Below are details about specifically for tech folks. For an introduction to, see here

Is there an API available?

Please get in contact, see links in the footer. I’d love to help.

What kind of model is it?

For Greenness, a simple neural net (MLP) is trained for each timestep (ie 2 hours in the future, 4 hours in future, …). The models predict the outputs of each fuel type, from which greenness is derived as a simple proportion.

For price, the models just predict the target value. The neural nets are ensembled with an XGBoost model for each timestep for a small (~5%) improvement in performance. This is all repeated for price and Greenness for each state, for a total of around a thousand sub-models.

What are the model inputs?

Roughly a thousand features are collected at inference. Data comes from AEMO, the BoM, a government public holidays database and several derived values.

What is the training dataset?

A custom-prepared dataset with around one million datapoints for each NEM region dating back to 2010. Some basic (hand-crafted) data augmentation bulks out scarce post-2022-energy-crisis data. For details, see github.

What types features are used?

Date features, current/forecast weather, current/forecast NEM data (generation & availability by fuel type, price, interconnectors), price lags and Greenness lags.

Each sub-model (eg Price 48h in advance) uses a hand-crafted subset of around 100 features - largely just excluding lags that are less relevant. For example, when forecasting 48h in advance, the weather forecast 5 days in the future is irrelevant.

How does this model compare to architecture X?

Experiments so far: Random Forests, ARIMA, DeepAR, TFT, NHiTS, NBEATS, LGBoost, Prophet, various variations on MLPs. Some experiments were extensive, others weren’t. Simple MLPs and XGBoost have performed the best. . Suggestions, feedback and experimentation with alternatives welcome.

Why might this architecture be performing best?

This problem may differ from standard time-series forecasting problems (eg M5) because there are good covariant features and forecasts (eg weather, wind output, etc) available. With basic feature engineering (eg selected past and forecast lags) it perhaps looks more like a tabular data problem than standard time-series forecasting. If so, strong performance from simple neural networks and gradient boosting is not surprising.

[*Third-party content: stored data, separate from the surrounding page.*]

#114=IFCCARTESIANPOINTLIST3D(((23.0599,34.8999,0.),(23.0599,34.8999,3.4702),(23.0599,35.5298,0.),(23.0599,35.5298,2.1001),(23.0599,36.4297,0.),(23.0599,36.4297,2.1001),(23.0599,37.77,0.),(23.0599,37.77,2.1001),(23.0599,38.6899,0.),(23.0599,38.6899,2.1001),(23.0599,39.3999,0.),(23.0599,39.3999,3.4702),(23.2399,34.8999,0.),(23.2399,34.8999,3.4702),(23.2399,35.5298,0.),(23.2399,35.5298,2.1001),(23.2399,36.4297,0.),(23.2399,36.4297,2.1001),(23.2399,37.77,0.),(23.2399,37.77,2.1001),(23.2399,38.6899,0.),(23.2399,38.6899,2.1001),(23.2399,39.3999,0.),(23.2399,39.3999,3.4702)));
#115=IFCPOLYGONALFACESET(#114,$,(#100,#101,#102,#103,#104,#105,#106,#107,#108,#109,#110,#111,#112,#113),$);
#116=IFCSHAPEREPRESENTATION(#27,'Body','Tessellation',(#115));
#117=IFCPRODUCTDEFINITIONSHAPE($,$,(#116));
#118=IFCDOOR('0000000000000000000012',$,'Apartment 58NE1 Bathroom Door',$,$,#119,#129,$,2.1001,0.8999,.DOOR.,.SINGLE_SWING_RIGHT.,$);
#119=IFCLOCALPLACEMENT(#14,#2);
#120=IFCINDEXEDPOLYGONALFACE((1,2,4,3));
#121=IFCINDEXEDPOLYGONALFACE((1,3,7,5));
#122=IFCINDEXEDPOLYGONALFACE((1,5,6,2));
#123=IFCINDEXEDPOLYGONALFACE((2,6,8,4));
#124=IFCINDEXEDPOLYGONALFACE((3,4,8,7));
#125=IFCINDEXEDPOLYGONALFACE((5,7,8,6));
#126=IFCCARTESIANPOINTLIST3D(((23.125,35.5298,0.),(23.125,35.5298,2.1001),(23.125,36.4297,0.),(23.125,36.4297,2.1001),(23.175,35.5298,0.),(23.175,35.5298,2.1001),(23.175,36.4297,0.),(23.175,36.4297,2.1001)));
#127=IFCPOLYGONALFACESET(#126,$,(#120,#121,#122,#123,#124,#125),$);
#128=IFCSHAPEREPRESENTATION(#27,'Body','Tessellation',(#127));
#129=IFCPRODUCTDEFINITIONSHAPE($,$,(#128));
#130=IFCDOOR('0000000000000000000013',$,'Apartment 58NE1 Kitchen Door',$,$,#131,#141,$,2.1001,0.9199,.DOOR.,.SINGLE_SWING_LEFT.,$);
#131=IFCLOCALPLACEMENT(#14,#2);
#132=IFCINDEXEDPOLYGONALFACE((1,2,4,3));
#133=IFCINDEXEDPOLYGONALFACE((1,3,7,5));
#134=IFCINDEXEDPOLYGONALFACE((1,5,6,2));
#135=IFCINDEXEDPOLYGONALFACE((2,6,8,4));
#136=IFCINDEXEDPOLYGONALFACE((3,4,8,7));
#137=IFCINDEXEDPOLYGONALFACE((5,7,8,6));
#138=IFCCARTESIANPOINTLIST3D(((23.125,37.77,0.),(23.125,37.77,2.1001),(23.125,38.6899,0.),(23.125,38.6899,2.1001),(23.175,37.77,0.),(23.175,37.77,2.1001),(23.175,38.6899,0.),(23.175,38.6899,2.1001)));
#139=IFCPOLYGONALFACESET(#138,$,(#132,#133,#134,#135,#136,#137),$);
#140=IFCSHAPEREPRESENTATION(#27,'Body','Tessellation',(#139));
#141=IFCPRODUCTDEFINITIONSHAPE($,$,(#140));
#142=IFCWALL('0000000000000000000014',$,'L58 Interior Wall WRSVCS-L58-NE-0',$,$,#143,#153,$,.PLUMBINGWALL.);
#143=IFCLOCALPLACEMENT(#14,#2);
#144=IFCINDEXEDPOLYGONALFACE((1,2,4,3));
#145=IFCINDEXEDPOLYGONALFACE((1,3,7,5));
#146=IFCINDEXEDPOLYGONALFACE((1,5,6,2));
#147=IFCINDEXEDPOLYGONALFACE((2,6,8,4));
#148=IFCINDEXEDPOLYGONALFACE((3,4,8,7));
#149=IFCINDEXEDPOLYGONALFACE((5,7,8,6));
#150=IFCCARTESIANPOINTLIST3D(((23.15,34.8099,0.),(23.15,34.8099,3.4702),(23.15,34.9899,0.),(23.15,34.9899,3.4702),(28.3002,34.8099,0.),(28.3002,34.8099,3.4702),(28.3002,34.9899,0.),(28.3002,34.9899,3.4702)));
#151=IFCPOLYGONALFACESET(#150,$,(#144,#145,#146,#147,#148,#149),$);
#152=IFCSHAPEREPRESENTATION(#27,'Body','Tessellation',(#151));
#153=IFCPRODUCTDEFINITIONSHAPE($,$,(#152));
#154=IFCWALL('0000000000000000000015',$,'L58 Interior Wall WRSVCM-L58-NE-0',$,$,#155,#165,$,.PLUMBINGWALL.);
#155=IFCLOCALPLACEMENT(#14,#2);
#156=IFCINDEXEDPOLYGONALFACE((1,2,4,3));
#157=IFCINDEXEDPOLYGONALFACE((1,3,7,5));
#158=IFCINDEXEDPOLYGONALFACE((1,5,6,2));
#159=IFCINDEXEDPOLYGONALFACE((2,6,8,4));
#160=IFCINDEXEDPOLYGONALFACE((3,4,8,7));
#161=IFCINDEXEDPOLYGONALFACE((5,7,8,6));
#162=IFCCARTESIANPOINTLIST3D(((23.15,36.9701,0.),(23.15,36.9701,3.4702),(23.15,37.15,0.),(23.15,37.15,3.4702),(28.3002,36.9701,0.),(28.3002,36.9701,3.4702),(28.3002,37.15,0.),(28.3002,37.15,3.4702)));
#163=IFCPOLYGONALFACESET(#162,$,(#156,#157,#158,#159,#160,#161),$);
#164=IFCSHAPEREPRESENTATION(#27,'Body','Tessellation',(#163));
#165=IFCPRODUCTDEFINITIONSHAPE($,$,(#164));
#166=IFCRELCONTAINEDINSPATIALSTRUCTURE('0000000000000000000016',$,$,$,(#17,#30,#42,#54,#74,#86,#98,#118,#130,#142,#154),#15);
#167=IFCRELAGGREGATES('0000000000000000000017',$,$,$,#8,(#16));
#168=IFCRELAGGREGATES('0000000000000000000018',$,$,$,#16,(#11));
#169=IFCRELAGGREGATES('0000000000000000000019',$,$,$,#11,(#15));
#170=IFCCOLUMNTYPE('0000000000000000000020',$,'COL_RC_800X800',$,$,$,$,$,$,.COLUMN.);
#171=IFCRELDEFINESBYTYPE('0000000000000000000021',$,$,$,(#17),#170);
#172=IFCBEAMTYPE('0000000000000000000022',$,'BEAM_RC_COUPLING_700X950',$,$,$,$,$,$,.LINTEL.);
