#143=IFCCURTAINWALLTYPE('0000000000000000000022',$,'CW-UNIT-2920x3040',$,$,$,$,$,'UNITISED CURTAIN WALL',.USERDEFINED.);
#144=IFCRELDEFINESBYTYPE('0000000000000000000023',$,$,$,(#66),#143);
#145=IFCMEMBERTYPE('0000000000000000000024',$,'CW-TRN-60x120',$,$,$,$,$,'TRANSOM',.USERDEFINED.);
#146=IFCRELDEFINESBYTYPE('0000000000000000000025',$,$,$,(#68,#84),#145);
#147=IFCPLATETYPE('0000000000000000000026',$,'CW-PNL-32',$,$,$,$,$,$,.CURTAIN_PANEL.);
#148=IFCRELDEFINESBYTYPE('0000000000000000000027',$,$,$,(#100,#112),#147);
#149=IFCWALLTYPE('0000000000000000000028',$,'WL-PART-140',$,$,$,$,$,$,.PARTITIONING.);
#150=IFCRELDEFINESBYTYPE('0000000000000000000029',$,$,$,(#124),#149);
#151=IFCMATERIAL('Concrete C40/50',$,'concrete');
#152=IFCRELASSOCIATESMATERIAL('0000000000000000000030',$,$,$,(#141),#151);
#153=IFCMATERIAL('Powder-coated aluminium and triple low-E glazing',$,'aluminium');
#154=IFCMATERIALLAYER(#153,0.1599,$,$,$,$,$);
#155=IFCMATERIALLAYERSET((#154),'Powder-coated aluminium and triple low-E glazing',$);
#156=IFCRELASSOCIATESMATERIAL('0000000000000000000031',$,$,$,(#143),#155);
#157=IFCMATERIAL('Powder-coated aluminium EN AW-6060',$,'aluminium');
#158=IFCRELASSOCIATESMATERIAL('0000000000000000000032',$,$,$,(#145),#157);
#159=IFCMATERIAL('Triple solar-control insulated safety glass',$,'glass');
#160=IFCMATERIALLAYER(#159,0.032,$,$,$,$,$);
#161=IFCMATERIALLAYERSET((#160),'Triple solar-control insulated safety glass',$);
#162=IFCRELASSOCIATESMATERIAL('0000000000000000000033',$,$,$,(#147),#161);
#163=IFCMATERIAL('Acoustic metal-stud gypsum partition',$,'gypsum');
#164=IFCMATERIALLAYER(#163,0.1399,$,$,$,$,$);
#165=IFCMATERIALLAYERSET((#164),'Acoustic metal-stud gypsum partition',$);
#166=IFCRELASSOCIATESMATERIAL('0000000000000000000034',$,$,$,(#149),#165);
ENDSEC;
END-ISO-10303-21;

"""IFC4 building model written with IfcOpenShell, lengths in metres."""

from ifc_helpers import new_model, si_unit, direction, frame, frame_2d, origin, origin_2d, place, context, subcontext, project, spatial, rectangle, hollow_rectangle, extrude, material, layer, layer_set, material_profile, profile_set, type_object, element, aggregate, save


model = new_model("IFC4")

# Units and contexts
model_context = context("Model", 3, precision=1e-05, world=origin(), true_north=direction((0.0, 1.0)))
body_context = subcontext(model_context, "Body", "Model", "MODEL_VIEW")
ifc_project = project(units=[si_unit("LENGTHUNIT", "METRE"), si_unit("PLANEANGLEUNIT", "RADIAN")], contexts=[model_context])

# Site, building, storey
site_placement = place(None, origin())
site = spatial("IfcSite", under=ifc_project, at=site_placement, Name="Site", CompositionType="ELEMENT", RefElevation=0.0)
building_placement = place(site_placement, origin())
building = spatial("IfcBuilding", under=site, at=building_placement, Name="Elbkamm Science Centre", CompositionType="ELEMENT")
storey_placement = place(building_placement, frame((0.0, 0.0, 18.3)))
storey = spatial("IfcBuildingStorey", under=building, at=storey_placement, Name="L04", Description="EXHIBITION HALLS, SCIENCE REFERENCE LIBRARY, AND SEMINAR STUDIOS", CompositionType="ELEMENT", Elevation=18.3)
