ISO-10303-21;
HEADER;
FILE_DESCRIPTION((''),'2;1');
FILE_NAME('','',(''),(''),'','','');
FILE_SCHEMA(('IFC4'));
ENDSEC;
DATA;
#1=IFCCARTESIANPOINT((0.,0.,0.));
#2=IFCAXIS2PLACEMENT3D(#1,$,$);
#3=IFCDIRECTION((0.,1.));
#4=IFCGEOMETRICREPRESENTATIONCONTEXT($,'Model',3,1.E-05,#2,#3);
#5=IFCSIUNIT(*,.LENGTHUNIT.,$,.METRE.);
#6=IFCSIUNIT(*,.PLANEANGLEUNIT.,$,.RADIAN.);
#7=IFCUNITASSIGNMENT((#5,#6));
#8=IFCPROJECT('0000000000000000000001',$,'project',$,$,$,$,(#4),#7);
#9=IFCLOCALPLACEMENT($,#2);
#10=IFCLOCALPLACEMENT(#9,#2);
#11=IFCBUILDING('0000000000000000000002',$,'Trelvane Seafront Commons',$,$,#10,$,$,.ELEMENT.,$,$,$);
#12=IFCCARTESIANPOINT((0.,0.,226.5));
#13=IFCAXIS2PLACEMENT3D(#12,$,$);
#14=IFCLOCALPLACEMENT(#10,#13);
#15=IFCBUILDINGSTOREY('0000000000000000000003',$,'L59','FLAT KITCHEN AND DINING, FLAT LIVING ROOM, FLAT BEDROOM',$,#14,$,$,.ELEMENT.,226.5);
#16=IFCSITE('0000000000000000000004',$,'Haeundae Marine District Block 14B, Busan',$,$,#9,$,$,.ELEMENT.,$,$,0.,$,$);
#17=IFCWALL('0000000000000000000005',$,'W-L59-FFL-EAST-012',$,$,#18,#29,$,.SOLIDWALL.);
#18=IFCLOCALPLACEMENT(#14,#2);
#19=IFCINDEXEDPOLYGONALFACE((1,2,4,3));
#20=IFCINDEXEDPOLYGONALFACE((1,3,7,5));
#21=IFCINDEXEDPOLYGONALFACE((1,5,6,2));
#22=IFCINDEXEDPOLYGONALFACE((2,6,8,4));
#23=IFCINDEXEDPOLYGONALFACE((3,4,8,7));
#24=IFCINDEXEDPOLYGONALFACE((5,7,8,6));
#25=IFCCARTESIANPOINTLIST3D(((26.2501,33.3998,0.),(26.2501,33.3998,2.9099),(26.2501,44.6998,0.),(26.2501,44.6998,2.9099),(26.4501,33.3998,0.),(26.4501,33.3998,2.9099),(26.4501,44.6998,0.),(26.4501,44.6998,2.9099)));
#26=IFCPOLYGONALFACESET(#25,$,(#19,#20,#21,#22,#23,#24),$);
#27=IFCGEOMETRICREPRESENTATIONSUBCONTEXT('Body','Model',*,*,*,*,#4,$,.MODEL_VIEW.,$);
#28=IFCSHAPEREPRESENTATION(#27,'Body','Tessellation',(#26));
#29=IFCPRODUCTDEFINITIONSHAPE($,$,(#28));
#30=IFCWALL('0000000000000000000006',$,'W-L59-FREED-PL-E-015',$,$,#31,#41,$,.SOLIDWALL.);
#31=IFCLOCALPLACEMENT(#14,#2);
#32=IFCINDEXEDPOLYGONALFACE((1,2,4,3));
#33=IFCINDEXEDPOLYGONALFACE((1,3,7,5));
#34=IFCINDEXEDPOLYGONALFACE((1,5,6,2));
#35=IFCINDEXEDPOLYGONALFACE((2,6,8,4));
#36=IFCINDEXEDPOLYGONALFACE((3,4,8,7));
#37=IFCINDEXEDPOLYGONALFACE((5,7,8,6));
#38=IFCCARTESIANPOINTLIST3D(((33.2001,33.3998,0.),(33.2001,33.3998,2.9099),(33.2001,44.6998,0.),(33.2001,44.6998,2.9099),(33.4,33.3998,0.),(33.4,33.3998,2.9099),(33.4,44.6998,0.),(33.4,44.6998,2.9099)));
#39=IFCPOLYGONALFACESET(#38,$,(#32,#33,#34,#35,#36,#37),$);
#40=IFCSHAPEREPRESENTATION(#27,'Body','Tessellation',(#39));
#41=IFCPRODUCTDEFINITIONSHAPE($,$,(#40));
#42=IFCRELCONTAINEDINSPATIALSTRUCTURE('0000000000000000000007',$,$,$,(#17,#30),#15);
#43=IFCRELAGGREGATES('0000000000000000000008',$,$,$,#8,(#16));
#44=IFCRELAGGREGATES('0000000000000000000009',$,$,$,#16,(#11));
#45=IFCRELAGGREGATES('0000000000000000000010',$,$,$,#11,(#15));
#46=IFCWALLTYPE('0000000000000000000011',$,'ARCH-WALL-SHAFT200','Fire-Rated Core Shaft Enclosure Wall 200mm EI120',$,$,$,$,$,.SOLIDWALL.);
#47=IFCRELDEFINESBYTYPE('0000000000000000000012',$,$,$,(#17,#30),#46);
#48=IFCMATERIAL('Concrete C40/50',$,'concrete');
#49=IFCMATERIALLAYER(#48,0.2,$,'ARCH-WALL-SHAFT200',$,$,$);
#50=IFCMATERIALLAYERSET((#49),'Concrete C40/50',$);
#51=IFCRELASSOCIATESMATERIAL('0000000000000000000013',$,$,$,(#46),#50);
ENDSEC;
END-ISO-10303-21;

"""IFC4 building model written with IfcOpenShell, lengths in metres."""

from ifc_helpers import new_model, si_unit, direction, frame, frame_2d, origin, place, context, subcontext, project, spatial, rectangle, extrude, material, layer, layer_set, type_object, element, save


model = new_model("IFC4")

# Units and contexts
model_context = context("Model", 3, precision=1e-05, world=origin(), true_north=direction((0.0, 1.0)))
body_context = subcontext(model_context, "Body", "Model", "MODEL_VIEW")
ifc_project = project(units=[si_unit("LENGTHUNIT", "METRE"), si_unit("PLANEANGLEUNIT", "RADIAN")], contexts=[model_context])

# Site, building, storey
site_placement = place(None, origin())
site = spatial("IfcSite", under=ifc_project, at=site_placement, Name="Haeundae Marine District Block 14B, Busan", CompositionType="ELEMENT", RefElevation=0.0)
building_placement = place(site_placement, origin())
building = spatial("IfcBuilding", under=site, at=building_placement, Name="Trelvane Seafront Commons", CompositionType="ELEMENT")
storey_placement = place(building_placement, frame((0.0, 0.0, 226.5)))
storey = spatial("IfcBuildingStorey", under=building, at=storey_placement, Name="L59", Description="FLAT KITCHEN AND DINING, FLAT LIVING ROOM, FLAT BEDROOM", CompositionType="ELEMENT", Elevation=226.5)

# Shared definitions
ifc_material_1 = material(Name="Concrete C40/50", Category="concrete")

# Walls
ifc_layer_1 = layer(ifc_material_1, 0.2, Name="ARCH-WALL-SHAFT200")
ifc_layer_set_1 = layer_set([ifc_layer_1], Name="Concrete C40/50")
wall_type_1 = type_object("IfcWallType", Name="ARCH-WALL-SHAFT200", Description="Fire-Rated Core Shaft Enclosure Wall 200mm EI120", PredefinedType="SOLIDWALL", material=ifc_layer_set_1)
for number, where, z_axis, x_axis, name in (
    (1, (26.3501, 33.3999, 0.0), (0.0, 0.0, 1.0), (0.0, 1.0, 0.0), "W-L59-FFL-EAST-012"),
    (2, (33.3, 33.3999, 0.0), (0.0, 0.0, 1.0), (0.0, 1.0, 0.0), "W-L59-FREED-PL-E-015"),
):
    element("IfcWall", number, at=place(storey_placement, frame(where, z_axis=z_axis, x_axis=x_axis)), inside=storey, type_object=wall_type_1, Name=name, PredefinedType="SOLIDWALL", context=body_context, shape_type="SweptSolid", body=[
        extrude(rectangle(XDim=11.3, YDim=0.2, at=frame_2d((5.6499, 0.0))), origin(), (0.0, 0.0, 1.0), 2.9099),
    ])

save(model, "model.ifc")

What other techniques were used to improve results?

In rough order of effectiveness:

  • As always, getting more data (longer timespan and extra features) made the biggest difference. For example: Some solar data is not available before 2016, but a random forests regressor does a great job of predicting this data back to 2010 from other available data (weather, installed base). See RooftopBackcast.ipynb in the dataset generator.
  • Basic data augmentation - interpolating between datapoints and duplicating points with some features scaled in a logical way (eg all price features increased by 5%)
  • Training each sub-model on a preselected subset of features, eg the submodel predicting 48 hours ahead was not shown forecasts for 96 hours ahead. This minimises “uninformative features”
  • Encoding date features as numeric rather than embeddings improved accuracy, again reducing uninformative features.
  • Using a holdout test set to choose architecture and hyperparameters but making that holdout data available for final training. Held out data is the most recent available and therefore the most releveant to today’s market behaviour. A validation set was still used to prevent overfitting.
  • Various training tricks promoted by

Can I try my own model with the dataset?

Yes! Currently you’ll need to run the dataset generator yourself, the datasets themselves are not yet uploaded. Please share your results! Contact below.

Which metrics are used?

From most-convenient to most-comprehensive:

  • MAE for price 84h in the future on VIC1 dataset (ie the feature named ‘VIC1_Price_Tp84’). This is selected because price is more variable than Greenness, the time is in middle of the range and not an even multiple of 24h
  • MAE for all the various fuel sources 84h ahead
  • MAE for price for all timesteps from 2h to 168h ahead for VIC1 dataset
  • MAE for price across all timesteps and all regions
  • MAE for price and Greenness separately for all timesteps and all regions

There’s no strong reason for choosing MAE over MSE - brief comparison experiments were inconclusive. Price forecasts vary across several orders of magnitude (even after clamping values to ±$1000/MWh) so MSE would only emphasise that further. This project prioritises the ‘every-day’ case over outlier events, so MAE wins from that point of view.

Why not use the same model/ensemble for each state?

Bespoke models for each state performed better than a single model trained on all states (perhaps because there is already a million datapoints per state to train on) or a single model that predicts all states at once (perhaps because this greatly increases the number of features)

Can I use the dataset for my own project?

Yes. Github or see contact details below for info

How long does training take?

Training a thousand sub-models takes about 3 days on a single consumer GPU. Inference takes around ten minutes, most of which is gathering data.

How is the model hosted?

Dataset generation and model training are offline. Inference is in AWS Lambda, kicking off every two hours. This website frontend is just a static page on S3. For details, see the deployment diagram on github.